Normal staining for other antigens (e.g., collagen VII, laminin 332, keratins 5 and 14) confirms the diagnosis of EB-PA.

Note: (1) Especially in milder forms of EB, immunofluorescent studies are often not sufficient to make the diagnosis because near-normal antigen levels are detected, and no cleavage plane is observed. (2) Absence of one hemidesmosomal component (e.g., ITGA6 or ITGB4) may reduce the staining of other hemidesmosomal components as well (e.g., PLEC, COL17). In these cases, electron microscopic examination of a skin biopsy must be performed.

Clinical Characteristics

Clinical Description

The course of epidermolysis bullosa with pyloric atresia (EB-PA) is usually severe and often lethal in the neonatal period. Most affected children die as neonates due to mucosal erosions and blistering, pyloric stenosis or atresia, respiratory failure, or overwhelming infection.

Cutaneous manifestations. Those who survive the neonatal period may have severe blistering with formation of granulation tissue on the skin around the mouth, diaper area, nose, fingers, and toes, and internally around the trachea. However, some affected individuals have little or no blistering later in life.

  • Congenital localized absence of skin (aplasia cutis congenita). Infants with extensive aplasia cutis congenita and blistering or erosions may have fatal infections with sepsis and severe electrolyte imbalance in the first weeks to months of life. Aplasia cutis congenita can be extensive in these neonates, especially on the extremities and sides of the scalp (see Figure 2). One review reported that 50% of individuals with EB-PA and aplasia cutis congenita died during the first months of life [Martinez-Moreno et al 2020].
  • Mucosal erosions are predominantly oropharyngeal, but erosions have also been reported of the bladder, trachea, bowel, stomach, and esophagus [Mylonas et al 2019].
  • Deformities of the ear and/or nose, such as ear hypoplasia
  • Milia
  • Nail dystrophy and granulation tissue of the nail, including changes in size, color, shape, or texture and subsequent loss of nails
  • Scarring alopecia. Complete loss of scalp hair follicles as a result of scarring
  • Hypotrichosis. Reduction in the number of hair follicles in a given area compared to the number of hair follicles in the same area of an unaffected individual of the same sex
  • Exuberant granulation tissue does not usually appear until early childhood, and most children with EB-PA do not survive beyond infancy.
  • Wound infections. Treatment of chronic wound infections is a challenge. Many affected individuals become infected with resistant bacteria, most often methicillin-resistant Staphylococcus aureus (MRSA), multidrug-resistant Pseudomonas aeruginosa, and group A beta-hemolytic Streptococci.
Figure 2. . Child with epidermolysis bullosa with pyloric atresia and extensive aplasia cutis congenita of the extremities (A) and scalp (B).

Figure 2.

Child with epidermolysis bullosa with pyloric atresia and extensive aplasia cutis congenita of the extremities (A) and scalp (B). Reproduced with permission from Lucky et al [2021]

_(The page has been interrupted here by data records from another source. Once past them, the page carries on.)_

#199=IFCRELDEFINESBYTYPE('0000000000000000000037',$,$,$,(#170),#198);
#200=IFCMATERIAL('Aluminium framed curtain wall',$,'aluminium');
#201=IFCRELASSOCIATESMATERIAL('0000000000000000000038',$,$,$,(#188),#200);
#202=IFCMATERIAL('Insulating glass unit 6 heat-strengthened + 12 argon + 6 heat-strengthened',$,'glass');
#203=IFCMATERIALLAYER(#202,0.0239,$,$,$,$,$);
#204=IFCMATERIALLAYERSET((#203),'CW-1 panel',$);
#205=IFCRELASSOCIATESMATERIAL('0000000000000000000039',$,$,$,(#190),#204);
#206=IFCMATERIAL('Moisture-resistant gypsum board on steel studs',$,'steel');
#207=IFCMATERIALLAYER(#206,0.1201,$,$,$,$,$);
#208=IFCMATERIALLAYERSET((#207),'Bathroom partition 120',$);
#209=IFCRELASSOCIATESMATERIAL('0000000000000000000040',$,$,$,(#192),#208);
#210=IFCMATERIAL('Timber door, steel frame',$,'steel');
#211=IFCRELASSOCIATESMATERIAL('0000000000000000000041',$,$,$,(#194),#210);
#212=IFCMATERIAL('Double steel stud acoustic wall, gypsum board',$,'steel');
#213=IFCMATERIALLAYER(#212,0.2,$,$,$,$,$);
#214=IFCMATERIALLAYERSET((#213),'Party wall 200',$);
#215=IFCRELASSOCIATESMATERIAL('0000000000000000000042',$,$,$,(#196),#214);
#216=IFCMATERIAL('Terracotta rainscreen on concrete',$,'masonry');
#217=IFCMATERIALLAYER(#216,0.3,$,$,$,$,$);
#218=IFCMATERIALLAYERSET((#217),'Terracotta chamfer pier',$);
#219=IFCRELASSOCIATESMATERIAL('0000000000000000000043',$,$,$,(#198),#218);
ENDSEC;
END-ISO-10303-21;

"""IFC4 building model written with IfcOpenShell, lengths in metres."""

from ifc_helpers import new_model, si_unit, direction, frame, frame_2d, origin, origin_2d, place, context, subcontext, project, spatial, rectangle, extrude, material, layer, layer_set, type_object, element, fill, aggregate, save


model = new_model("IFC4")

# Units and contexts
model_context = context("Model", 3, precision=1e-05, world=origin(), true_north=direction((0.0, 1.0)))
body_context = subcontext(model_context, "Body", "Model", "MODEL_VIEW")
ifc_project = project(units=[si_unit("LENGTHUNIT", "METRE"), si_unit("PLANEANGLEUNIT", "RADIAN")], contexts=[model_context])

Pyloric atresia may be detected in utero as polyhydramnios via ultrasound or MRI (see Genetic Counseling, Prenatal Testing and Preimplantation Genetic Testing) or becomes evident at birth. It is characterized by vomiting, failure to tolerate any feeding or to pass stool, and a distended abdomen with a large stomach bubble (see Figure 1). Surgical repair of the pyloric atresia is necessary for survival. Surgical repair is most commonly performed with a Heineke-Mikulicz pyloroplasty (for type 1 pyloric atresia) or gastroduodenostomy (for type 2 pyloric atresia) [Mylonas et al 2019].

Renal and ureteral anomalies can include dysplastic/multicystic kidney, hydronephrosis/hydroureter, acute renal tubular necrosis, obstructive uropathy, ureterocele, duplicated renal collecting system, vesicoureteral reflux, interstitial nephritis, and/or absent bladder [Puvabanditsin et al 1997, Kambham et al 2000, Wallerstein et al 2000, Nakano et al 2001, Varki et al 2006, Pfendner et al 2007, Walker et al 2017, Mylonas et al 2019].

Protein-losing enteropathy has been reported in some individuals with EB-PA, resulting in large-volume diarrhea and poor weight gain [Verma et al 2020, Wee et al 2021, DeMaria et al 2022, Kaneyasu et al 2022]. Bowel biopsies show decreased integrin B4 [Wee et al 2021] as well as lamina lucida separation with hypoplastic hemidesmosomes [DeMaria et al 2022].

Ocular findings are seen in a minority of individuals but can include corneal blisters/erosions, conjunctivitis, and corneal opacification [Mylonas et al 2019].

Fluids/electrolytes/nutrition. Fluid and electrolyte issues can be significant and life threatening in the neonatal period. Infants with widespread disease require careful management.

In children who survive the newborn period, nutritional deficiencies can include the following:

  • Low calcium and/or vitamin D resulting in osteopenia and osteoporosis
  • Zinc deficiency, which can impair wound healing [Mellerio et al 2007]
  • Chronic iron deficiency anemia

Phenotype Correlations by Gene

ITGA6 pathogenic variants are associated with a poor prognosis [Masunaga et al 2017, Mylonas et al 2019].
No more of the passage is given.